The justice ministry accuses the woman -- who would now be more than 90 years old -- of crimes committed between June 1943 and April 1945 at the former Nazi death camp at Stutthof, about 40 kilometres from Gdansk.

She is said to have "given assistance to those responsible for the systematic massacre of Jewish prisoners, Polish partisans and Russian Soviet prisoners of war in her post of stenographer and secretary to the camp commander", according to the authorities.

Because some prisoners survived their ordeal in the camp, some acts should be legally considered attempted murder, prosecutors say.

Because of the woman's young age at the time, she would eventually be tried before a special juvenile court. However, it is not certain that the case will go ahead: the justice system must first decide whether, because of her advanced age, she is fit to face trial.

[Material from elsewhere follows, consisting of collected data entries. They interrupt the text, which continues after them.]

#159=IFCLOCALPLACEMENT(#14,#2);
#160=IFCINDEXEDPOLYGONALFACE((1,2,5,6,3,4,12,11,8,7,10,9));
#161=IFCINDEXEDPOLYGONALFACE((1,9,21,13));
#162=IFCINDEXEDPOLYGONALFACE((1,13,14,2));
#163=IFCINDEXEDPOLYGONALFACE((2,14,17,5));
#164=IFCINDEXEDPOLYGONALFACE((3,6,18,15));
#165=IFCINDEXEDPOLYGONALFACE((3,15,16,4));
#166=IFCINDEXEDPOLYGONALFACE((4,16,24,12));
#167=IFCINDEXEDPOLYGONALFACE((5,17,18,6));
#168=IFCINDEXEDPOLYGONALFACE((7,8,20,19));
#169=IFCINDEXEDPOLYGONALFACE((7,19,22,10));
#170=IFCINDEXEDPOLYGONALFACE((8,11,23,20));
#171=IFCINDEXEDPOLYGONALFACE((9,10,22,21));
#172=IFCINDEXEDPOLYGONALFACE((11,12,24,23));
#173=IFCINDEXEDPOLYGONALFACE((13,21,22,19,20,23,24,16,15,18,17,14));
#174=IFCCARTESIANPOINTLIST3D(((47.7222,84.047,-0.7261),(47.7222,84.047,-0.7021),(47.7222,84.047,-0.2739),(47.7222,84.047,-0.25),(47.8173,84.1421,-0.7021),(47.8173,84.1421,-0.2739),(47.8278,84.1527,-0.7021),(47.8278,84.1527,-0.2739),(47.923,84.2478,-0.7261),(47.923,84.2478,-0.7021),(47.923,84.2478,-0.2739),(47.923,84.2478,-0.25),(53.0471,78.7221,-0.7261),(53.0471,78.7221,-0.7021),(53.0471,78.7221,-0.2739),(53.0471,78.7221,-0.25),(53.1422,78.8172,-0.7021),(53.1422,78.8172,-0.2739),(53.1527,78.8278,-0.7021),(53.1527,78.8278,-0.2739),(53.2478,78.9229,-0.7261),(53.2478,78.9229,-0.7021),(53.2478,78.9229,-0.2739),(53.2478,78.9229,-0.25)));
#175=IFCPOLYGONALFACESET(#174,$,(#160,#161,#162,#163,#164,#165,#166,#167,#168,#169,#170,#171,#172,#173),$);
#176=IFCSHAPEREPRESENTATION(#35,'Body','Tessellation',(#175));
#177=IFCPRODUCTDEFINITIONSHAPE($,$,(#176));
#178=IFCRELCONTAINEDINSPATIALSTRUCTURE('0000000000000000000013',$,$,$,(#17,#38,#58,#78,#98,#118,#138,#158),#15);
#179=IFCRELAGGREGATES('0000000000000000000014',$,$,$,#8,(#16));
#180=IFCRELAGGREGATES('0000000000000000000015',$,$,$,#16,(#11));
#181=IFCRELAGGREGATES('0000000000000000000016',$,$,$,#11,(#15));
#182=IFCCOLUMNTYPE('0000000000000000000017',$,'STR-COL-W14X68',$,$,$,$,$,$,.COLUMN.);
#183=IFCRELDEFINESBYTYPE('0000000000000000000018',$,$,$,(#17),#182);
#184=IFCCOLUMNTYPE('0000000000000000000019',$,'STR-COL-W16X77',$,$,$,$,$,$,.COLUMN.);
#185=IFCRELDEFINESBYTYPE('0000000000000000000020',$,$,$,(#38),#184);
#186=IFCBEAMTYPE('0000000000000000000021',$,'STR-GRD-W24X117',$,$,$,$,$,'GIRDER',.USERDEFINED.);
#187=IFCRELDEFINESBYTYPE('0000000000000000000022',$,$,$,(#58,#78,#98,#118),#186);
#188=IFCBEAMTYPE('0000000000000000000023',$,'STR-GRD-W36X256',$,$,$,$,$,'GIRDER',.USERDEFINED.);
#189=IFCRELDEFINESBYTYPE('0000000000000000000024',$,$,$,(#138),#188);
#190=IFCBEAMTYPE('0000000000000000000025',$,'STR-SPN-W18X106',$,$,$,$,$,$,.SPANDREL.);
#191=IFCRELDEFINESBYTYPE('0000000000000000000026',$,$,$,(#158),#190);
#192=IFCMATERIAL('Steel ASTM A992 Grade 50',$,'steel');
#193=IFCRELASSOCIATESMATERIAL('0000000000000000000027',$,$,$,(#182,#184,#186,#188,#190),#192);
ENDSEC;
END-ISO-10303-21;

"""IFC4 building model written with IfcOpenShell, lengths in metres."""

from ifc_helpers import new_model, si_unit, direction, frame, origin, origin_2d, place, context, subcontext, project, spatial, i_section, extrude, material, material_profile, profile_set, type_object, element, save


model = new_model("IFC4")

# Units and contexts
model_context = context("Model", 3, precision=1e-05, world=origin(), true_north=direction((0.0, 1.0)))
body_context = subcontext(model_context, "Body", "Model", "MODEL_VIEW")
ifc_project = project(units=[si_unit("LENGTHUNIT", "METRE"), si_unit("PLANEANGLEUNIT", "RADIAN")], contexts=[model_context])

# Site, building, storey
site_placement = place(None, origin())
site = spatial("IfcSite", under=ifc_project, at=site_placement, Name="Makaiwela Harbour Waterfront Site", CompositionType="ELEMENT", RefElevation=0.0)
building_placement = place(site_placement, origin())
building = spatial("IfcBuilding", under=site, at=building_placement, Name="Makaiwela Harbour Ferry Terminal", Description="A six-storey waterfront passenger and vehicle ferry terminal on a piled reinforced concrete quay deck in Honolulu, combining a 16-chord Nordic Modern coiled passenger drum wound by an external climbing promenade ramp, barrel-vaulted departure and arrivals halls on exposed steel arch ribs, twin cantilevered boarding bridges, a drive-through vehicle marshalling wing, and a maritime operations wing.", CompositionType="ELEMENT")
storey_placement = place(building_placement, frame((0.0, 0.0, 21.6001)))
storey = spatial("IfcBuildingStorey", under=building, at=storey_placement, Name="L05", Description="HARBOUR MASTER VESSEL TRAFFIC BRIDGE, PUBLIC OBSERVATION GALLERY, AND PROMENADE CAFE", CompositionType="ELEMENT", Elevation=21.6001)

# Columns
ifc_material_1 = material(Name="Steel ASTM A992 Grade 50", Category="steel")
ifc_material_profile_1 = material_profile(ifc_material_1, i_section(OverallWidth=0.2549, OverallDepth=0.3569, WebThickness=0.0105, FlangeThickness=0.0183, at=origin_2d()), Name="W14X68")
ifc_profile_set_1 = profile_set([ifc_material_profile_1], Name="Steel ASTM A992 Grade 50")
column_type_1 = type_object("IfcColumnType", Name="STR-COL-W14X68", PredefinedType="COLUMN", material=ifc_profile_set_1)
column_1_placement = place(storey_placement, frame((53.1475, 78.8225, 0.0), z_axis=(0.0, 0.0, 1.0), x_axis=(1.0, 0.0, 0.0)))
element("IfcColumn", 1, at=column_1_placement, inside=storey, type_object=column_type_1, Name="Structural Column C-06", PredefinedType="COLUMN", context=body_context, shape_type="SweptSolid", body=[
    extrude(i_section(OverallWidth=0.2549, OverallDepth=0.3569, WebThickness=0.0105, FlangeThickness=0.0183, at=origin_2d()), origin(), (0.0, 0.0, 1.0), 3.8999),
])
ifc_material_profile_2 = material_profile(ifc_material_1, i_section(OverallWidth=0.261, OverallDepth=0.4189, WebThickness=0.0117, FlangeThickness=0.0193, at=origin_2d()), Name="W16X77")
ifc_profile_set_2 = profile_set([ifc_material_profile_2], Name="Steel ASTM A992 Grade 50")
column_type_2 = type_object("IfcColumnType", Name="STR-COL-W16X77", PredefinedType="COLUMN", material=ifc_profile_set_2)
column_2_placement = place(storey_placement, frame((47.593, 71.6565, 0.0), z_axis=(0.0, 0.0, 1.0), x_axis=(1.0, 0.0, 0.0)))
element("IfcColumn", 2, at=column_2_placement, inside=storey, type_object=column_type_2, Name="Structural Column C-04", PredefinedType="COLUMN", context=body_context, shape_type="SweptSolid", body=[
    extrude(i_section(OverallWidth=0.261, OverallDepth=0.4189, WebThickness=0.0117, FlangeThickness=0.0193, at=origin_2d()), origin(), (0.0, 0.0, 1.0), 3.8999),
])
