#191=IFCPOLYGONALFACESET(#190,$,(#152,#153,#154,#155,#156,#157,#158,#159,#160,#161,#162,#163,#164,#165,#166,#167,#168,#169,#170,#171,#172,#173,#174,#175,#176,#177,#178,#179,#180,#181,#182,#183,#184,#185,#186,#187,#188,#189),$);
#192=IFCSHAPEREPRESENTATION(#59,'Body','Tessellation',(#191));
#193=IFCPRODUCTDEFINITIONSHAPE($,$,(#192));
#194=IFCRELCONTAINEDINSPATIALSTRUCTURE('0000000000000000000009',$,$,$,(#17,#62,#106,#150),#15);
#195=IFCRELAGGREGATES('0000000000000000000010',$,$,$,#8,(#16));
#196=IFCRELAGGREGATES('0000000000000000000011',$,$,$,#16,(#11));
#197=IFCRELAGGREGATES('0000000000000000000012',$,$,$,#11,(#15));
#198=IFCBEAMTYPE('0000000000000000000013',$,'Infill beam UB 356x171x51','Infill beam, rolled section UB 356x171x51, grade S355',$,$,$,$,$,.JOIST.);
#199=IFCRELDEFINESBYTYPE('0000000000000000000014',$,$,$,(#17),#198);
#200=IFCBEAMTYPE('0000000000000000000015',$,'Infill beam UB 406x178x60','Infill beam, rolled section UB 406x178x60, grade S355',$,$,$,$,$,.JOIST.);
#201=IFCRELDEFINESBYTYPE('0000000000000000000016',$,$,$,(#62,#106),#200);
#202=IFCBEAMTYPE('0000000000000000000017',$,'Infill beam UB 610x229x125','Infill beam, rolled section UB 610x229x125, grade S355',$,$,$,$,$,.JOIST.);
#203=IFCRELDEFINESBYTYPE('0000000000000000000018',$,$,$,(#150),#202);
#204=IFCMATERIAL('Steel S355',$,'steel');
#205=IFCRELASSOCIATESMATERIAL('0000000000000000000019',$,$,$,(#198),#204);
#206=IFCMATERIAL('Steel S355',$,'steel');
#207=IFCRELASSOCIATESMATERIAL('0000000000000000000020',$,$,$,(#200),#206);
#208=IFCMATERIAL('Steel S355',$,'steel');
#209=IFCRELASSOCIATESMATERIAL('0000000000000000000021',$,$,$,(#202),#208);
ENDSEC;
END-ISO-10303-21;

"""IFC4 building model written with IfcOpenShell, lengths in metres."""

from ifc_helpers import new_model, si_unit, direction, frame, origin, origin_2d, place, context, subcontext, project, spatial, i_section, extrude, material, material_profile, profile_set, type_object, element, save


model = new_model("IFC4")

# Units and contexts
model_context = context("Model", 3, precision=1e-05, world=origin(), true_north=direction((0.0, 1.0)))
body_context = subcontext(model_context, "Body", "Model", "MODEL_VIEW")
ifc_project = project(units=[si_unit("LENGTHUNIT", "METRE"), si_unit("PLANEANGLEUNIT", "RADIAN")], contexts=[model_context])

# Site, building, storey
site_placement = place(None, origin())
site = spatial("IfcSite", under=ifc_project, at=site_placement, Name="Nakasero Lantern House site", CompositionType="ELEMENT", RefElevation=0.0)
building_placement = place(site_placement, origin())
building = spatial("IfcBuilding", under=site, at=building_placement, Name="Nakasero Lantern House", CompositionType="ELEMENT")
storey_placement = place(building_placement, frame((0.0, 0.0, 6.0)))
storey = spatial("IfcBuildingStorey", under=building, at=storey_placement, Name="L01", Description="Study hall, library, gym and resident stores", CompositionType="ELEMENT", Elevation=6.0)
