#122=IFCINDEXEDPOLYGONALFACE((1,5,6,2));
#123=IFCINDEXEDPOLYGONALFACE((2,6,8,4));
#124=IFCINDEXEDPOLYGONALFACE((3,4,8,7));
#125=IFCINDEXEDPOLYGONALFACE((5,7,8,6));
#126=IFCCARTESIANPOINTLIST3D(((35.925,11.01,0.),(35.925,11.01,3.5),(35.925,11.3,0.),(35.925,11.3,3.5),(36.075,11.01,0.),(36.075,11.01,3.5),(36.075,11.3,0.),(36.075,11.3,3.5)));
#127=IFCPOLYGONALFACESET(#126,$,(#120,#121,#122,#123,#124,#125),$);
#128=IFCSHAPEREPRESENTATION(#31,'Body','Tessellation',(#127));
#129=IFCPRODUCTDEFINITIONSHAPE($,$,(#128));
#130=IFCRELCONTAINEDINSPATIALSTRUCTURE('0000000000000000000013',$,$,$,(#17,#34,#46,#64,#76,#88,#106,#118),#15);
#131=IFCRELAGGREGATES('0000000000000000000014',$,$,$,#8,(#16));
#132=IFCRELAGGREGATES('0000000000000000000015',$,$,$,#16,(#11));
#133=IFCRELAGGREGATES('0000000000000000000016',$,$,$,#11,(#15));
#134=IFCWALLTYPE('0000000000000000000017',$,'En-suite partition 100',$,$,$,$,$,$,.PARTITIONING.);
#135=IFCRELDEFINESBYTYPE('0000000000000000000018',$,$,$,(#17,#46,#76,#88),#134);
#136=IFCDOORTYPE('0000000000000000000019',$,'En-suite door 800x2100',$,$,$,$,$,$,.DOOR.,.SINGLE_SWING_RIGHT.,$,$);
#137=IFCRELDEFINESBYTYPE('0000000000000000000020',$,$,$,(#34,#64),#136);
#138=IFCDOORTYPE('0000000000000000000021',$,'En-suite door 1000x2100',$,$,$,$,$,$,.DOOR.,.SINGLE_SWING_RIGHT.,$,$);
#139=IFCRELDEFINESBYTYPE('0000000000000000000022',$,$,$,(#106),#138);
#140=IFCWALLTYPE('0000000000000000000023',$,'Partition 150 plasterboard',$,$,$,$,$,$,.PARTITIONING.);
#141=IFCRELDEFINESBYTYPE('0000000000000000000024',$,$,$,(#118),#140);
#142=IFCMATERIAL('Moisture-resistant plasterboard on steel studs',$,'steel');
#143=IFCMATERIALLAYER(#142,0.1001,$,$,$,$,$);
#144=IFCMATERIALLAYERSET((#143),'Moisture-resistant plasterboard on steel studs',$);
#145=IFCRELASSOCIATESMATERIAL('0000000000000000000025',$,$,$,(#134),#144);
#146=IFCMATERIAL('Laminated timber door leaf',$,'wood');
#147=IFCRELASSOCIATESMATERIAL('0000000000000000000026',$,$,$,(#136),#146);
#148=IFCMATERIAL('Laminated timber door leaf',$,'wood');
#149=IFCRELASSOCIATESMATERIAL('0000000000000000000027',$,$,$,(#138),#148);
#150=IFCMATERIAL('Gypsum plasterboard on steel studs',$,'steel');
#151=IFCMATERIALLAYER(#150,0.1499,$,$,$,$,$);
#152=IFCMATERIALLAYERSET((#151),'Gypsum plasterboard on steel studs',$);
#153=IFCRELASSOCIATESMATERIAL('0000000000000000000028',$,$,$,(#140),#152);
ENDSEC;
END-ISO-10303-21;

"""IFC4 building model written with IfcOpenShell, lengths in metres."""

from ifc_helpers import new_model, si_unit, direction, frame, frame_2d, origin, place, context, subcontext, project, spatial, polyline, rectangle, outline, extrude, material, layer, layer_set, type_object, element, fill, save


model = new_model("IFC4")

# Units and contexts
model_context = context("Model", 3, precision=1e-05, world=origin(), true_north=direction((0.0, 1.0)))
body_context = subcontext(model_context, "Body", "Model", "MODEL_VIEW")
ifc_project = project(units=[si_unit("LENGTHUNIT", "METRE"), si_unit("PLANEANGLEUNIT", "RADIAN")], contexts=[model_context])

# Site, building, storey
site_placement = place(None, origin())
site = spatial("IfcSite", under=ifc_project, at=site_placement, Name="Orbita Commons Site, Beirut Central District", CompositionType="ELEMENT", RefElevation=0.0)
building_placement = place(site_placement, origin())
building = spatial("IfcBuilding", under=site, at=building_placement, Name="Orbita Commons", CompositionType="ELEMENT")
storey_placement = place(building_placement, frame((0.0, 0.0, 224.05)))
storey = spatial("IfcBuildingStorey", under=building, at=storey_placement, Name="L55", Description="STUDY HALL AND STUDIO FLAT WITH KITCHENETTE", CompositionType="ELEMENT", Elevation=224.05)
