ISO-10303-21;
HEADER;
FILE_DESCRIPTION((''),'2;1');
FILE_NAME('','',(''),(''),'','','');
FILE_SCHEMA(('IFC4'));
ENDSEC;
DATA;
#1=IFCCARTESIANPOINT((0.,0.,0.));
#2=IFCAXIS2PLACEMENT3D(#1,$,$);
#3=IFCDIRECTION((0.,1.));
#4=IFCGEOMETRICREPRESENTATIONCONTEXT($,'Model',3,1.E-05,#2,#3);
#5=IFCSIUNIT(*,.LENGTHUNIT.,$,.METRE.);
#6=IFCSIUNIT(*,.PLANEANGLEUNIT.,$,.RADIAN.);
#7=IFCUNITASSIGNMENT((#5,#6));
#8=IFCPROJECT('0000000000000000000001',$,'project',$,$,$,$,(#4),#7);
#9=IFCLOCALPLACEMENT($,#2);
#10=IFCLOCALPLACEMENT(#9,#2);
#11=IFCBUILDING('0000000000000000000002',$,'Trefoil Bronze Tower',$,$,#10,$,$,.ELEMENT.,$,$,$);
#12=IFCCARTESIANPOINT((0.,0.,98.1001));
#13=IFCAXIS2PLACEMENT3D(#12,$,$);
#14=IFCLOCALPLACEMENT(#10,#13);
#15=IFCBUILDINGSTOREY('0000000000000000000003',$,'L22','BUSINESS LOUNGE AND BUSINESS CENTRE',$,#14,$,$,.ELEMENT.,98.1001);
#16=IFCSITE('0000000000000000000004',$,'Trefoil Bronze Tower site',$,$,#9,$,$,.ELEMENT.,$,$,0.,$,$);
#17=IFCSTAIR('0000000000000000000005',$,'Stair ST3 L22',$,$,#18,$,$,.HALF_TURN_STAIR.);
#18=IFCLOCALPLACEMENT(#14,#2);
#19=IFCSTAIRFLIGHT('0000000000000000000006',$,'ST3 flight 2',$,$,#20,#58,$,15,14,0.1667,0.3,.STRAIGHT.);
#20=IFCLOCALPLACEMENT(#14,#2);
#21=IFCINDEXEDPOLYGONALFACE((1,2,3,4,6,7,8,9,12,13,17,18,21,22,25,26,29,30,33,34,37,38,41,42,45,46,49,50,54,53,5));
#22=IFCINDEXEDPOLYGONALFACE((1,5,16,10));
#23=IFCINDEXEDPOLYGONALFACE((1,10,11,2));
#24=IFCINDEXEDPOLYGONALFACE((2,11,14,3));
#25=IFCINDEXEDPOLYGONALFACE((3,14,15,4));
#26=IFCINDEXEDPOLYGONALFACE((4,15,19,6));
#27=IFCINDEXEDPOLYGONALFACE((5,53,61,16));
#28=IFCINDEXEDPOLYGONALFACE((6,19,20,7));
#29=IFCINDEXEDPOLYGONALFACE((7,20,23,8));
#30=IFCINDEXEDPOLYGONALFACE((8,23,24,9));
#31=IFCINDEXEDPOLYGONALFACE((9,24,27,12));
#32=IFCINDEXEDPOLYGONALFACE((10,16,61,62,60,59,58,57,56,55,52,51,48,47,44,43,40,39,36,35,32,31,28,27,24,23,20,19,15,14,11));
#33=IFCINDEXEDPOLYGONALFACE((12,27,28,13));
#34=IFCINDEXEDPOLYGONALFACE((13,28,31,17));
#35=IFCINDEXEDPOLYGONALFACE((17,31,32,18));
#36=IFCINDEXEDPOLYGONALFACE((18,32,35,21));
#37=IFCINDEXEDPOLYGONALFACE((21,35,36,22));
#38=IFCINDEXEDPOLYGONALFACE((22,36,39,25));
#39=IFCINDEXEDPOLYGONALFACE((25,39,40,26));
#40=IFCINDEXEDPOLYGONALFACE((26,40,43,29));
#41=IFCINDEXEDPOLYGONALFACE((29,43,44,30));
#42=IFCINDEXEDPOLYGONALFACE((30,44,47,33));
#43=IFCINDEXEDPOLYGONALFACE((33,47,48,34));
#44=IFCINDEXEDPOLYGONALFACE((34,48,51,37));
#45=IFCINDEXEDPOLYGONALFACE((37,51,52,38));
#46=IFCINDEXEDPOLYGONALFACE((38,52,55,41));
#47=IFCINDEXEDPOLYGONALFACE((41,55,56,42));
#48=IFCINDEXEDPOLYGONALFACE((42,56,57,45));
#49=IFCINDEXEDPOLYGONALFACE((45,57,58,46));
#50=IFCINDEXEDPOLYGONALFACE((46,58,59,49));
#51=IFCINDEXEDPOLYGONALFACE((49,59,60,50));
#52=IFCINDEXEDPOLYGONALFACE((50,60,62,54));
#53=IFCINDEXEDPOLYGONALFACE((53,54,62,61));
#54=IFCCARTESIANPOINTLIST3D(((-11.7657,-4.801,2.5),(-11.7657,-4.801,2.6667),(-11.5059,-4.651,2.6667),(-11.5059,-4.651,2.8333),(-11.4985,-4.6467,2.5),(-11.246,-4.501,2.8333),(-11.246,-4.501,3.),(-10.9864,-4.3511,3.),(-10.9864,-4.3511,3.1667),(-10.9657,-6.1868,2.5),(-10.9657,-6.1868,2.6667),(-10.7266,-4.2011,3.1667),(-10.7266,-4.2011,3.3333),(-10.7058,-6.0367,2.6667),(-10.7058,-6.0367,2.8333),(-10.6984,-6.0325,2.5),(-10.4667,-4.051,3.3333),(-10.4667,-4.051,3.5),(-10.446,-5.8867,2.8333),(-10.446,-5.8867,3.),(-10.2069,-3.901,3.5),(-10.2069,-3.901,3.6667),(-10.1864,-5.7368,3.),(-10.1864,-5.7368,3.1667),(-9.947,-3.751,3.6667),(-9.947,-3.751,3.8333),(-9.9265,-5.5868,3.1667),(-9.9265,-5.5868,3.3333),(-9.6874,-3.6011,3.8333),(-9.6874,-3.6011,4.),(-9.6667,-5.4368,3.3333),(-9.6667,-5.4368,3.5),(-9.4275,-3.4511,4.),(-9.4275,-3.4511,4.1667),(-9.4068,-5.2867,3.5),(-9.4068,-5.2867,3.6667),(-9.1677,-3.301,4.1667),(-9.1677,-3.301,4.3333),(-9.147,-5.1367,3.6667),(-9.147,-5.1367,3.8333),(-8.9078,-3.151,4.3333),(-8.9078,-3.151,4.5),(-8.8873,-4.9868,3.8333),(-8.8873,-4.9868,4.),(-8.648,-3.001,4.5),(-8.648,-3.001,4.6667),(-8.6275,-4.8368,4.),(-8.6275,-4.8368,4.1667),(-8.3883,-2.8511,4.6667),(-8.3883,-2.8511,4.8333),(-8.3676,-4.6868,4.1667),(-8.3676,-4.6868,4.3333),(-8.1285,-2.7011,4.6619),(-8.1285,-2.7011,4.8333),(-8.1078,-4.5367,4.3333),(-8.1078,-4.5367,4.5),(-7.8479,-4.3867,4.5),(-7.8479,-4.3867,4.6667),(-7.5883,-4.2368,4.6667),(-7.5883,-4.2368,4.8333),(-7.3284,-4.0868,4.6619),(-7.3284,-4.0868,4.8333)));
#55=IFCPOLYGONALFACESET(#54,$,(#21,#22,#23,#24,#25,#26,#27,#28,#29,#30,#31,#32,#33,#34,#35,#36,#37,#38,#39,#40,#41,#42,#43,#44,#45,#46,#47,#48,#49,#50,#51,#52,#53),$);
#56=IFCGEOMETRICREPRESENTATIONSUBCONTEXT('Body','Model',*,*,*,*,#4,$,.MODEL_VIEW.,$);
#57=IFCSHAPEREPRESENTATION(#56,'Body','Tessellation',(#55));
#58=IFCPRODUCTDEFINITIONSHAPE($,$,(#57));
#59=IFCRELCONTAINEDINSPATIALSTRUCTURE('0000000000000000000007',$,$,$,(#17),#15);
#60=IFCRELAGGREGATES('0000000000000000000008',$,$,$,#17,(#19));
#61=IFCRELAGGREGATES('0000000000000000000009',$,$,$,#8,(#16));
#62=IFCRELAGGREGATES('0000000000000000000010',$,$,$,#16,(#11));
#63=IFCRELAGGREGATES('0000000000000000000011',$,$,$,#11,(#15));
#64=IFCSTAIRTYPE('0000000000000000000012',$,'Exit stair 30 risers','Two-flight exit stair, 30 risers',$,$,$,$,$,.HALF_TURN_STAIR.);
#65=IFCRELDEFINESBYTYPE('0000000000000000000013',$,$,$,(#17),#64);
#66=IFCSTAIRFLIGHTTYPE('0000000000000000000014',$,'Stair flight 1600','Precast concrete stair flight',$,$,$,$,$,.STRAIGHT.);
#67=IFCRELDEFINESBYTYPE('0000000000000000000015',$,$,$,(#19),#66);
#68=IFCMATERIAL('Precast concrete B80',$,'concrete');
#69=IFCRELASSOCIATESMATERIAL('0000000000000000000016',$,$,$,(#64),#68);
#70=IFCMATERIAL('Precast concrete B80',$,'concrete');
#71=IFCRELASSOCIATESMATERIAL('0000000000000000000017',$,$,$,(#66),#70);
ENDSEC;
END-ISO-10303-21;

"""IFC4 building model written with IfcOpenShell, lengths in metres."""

from ifc_helpers import new_model, si_unit, direction, frame, origin, place, context, subcontext, project, spatial, polyline, outline, extrude, material, type_object, element, aggregate, save


model = new_model("IFC4")

# Units and contexts
model_context = context("Model", 3, precision=1e-05, world=origin(), true_north=direction((0.0, 1.0)))
body_context = subcontext(model_context, "Body", "Model", "MODEL_VIEW")
ifc_project = project(units=[si_unit("LENGTHUNIT", "METRE"), si_unit("PLANEANGLEUNIT", "RADIAN")], contexts=[model_context])

# Site, building, storey
site_placement = place(None, origin())
site = spatial("IfcSite", under=ifc_project, at=site_placement, Name="Trefoil Bronze Tower site", CompositionType="ELEMENT", RefElevation=0.0)
building_placement = place(site_placement, origin())
building = spatial("IfcBuilding", under=site, at=building_placement, Name="Trefoil Bronze Tower", CompositionType="ELEMENT")
storey_placement = place(building_placement, frame((0.0, 0.0, 98.1001)))
storey = spatial("IfcBuildingStorey", under=building, at=storey_placement, Name="L22", Description="BUSINESS LOUNGE AND BUSINESS CENTRE", CompositionType="ELEMENT", Elevation=98.1001)

# Stair, stair flight
ifc_material_1 = material(Name="Precast concrete B80", Category="concrete")
stair_type = type_object("IfcStairType", Name="Exit stair 30 risers", Description="Two-flight exit stair, 30 risers", PredefinedType="HALF_TURN_STAIR", material=ifc_material_1)
stair_placement = place(storey_placement, origin())
stair = element("IfcStair", 1, at=stair_placement, inside=storey, type_object=stair_type, Name="Stair ST3 L22", PredefinedType="HALF_TURN_STAIR")
ifc_material_2 = material(Name="Precast concrete B80", Category="concrete")
stair_flight_type = type_object("IfcStairFlightType", Name="Stair flight 1600", Description="Precast concrete stair flight", PredefinedType="STRAIGHT", material=ifc_material_2)
stair_flight_1_placement = place(storey_placement, frame((-11.3657, -5.4939, 2.5), z_axis=(0.0, 0.0, 1.0), x_axis=(0.866025, 0.5, 0.0)))
stair_flight_1 = element("IfcStairFlight", 2, at=stair_flight_1_placement, type_object=stair_flight_type, Name="ST3 flight 2", NumberOfRisers=15, NumberOfTreads=14, PredefinedType="STRAIGHT", RiserHeight=0.1667, TreadLength=0.3, context=body_context, shape_type="SweptSolid", body=[
    extrude(outline(polyline([(0.0, 0.0), (0.0, 0.1667), (0.3, 0.1667), (0.3, 0.3333), (0.6001, 0.3333), (0.6001, 0.5), (0.8999, 0.5), (0.8999, 0.6667), (1.2, 0.6667), (1.2, 0.8333), (1.5, 0.8333), (1.5, 1.0), (1.8, 1.0), (1.8, 1.1667), (2.1001, 1.1667), (2.1001, 1.3333), (2.3999, 1.3333), (2.3999, 1.5), (2.7, 1.5), (2.7, 1.6667), (3.0, 1.6667), (3.0, 1.8333), (3.3, 1.8333), (3.3, 2.0), (3.6001, 2.0), (3.6001, 2.1667), (3.8999, 2.1667), (3.8999, 2.3333), (4.2, 2.3333), (4.2, 2.5), (4.2, 2.1619), (0.3086, 0.0), (0.0, 0.0)])), frame((0.0, 0.8, 0.0), z_axis=(0.0, -1.0, 0.0), x_axis=(1.0, 0.0, 0.0)), (0.0, 0.0, 1.0), 1.6001),
])
aggregate(stair, [stair_flight_1])

save(model, "model.ifc")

Neither the name nor the age of the accused has been officially divulged.

In 2019, the regional broadcaster NDR claimed there were 29 active cases in Germany concerning Nazi war crimes. Among them was a 94-year-old woman identified as Irmgard F, a former personal secretary to the commander of the Stutthof camp and who today lives in a retirement home north of Hamburg.

In recent years, Germany has tried and convicted several former SS members and has widened its investigations to include camp guards accused of complicity to murder -- moves designed to illustrate severity on the part of the justice system but which have been criticised as belated by wartime victims.

In July 2020, a court in Hamburg handed down a two-year suspended prison sentence to Bruno Dey, a 93-year-old concentration camp guard, for complicity in thousands of murders at Stutthof.